Jacob is actually part of the group that used self-fulfilling prophecies for the UPC, in order to induce defeatism among opposition. “The CJEU said explicitly that non-EU countries can’t participate,” one person (Steve Peers) noted, and Henrion responded with: “Froehlinger is already probably busy rewriting it.” A short while ago Peers said: “UPC can go ahead without the UK. Simply move one part of the court.”
Changing the rules again, for millionaires and billionaires (and patent trolls as a side-effect)?
On “Unitary Patent fast track,” Moreno wrote, “UPCA never enters into force. New enhanced cooperation w/o UK. Same 2 regulations + a third one for a court under the ECJ.”
As Henrion points out, “art6 and 8 were the art of Jacob and Cameron.”
It sure looks like Darren Smyth accepted my interpretation of the situation all along (that it’s plausible the UPC will just die) [1, 2] and one person wrote: “If this breaks the EPO, that would have been worth it.”
Actually, saving the EPO rather than breaking it is the goal. Removing people like Battistelli is the means.
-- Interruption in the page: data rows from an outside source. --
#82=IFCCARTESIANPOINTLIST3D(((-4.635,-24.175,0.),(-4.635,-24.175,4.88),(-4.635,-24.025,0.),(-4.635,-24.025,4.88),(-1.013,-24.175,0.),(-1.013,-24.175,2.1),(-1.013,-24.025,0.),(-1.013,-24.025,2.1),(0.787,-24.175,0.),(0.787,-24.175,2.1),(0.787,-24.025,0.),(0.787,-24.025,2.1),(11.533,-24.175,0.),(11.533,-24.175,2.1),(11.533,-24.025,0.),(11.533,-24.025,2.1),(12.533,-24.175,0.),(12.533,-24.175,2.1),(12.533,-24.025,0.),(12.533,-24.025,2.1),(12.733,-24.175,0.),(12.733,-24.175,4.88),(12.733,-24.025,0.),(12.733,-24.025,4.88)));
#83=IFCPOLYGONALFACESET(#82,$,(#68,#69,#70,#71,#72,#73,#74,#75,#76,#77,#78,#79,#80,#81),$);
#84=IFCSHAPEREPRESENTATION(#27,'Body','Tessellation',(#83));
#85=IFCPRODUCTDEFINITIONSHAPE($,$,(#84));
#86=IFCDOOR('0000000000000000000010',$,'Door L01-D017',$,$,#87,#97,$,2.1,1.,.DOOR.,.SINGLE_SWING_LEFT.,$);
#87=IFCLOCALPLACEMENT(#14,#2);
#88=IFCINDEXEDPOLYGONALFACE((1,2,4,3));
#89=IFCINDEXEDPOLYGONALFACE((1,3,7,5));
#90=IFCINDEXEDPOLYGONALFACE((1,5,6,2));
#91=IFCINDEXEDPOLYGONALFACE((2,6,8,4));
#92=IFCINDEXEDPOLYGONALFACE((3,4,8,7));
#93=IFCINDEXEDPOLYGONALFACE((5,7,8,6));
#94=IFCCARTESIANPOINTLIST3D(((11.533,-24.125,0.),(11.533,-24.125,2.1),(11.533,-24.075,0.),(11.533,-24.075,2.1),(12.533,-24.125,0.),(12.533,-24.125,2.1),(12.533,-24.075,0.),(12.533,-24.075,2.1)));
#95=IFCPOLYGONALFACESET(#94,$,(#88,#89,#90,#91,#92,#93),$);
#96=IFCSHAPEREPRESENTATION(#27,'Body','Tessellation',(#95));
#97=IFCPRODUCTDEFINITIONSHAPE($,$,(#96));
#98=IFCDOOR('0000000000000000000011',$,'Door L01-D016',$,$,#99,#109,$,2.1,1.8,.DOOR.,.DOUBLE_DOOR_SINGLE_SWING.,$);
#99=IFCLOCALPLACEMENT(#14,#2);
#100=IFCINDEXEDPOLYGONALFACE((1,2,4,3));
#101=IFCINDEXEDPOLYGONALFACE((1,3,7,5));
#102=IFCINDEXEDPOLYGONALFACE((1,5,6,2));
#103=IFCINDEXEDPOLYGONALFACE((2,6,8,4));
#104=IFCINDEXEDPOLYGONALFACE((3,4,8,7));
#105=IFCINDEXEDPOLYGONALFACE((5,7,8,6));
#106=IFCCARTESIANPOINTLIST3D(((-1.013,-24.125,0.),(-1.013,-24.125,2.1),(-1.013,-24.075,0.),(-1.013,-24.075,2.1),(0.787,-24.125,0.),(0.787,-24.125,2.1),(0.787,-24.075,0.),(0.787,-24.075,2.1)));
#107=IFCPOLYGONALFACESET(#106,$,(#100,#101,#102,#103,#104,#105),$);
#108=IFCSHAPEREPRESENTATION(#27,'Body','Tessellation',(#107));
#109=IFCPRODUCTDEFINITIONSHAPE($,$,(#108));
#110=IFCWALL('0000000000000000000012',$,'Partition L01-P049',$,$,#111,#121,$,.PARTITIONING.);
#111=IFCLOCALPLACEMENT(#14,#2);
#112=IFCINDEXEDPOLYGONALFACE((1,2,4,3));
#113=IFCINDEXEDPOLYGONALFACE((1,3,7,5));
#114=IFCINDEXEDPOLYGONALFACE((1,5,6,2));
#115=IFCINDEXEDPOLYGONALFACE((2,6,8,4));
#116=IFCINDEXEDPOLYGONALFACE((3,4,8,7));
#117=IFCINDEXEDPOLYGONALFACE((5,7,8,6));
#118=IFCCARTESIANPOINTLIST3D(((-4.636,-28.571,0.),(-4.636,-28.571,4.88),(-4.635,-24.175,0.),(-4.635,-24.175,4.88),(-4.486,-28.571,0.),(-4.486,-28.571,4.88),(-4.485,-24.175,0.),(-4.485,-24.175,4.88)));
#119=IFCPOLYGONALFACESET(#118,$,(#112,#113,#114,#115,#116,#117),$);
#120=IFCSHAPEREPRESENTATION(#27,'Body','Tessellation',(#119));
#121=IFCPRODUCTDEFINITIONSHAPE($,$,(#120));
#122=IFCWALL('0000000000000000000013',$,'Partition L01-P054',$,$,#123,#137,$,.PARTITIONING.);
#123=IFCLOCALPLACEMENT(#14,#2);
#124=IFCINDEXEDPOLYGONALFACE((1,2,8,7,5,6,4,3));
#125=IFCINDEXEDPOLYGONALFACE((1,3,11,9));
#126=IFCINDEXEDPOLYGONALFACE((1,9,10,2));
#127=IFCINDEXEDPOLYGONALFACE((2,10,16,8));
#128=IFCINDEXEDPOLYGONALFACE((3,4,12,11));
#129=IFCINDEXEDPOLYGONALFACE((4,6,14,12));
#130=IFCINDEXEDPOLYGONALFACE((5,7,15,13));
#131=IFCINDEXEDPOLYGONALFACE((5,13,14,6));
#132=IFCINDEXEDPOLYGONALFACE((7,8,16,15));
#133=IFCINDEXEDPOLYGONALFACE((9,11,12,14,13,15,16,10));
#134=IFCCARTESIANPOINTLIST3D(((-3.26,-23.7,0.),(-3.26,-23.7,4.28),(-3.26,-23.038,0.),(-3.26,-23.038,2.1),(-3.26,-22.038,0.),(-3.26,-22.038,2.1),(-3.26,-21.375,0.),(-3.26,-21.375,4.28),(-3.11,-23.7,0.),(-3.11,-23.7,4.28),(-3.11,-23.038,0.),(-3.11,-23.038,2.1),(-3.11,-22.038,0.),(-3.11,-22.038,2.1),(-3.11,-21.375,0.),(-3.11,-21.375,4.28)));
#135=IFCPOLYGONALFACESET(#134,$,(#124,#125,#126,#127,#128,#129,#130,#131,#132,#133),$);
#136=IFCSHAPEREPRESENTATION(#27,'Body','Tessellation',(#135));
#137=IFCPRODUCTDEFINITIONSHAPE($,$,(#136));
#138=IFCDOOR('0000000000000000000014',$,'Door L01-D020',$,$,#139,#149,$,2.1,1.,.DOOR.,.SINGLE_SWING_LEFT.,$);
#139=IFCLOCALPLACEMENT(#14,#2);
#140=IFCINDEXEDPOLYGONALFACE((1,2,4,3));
Florian Müller wrote: “Countries won’t leave the European Patent Organisation as easily as the EU because of less public debate, but it helps to at least stall UPC” (it can eliminate it as well).
The next few days will be interesting because of the meeting next week. In the words of an EPO insider:
Let’s face it: the Staff of the EPO, is ON ITS OWN!
Clearly concrete actions of the AC, such as suggested above, would solve many problems. But was yesterday’s “earthquake” enough? In the meanttime, that IS until something is done, the staff of the EPO has to face it: we are on our own. And I suppose the EPO will see more of the demonstration.
As you know, the next meeting of the Administrative Council will take place on 29 and 30 June. On the agenda, beyond the “independence” of the DG3, there are
four documents proposing further seriously flawed reforms:
o CA/15/16 on self-insurance for health-care costs
o CA/29/16 on post-service employment restrictions
o CA/52/16 ”standards of conduct” and investigations
o CA/53/16 concerns a review of the disciplinary procedures
Postscript: I’m away in York for the entire weekend, but will resume on Monday.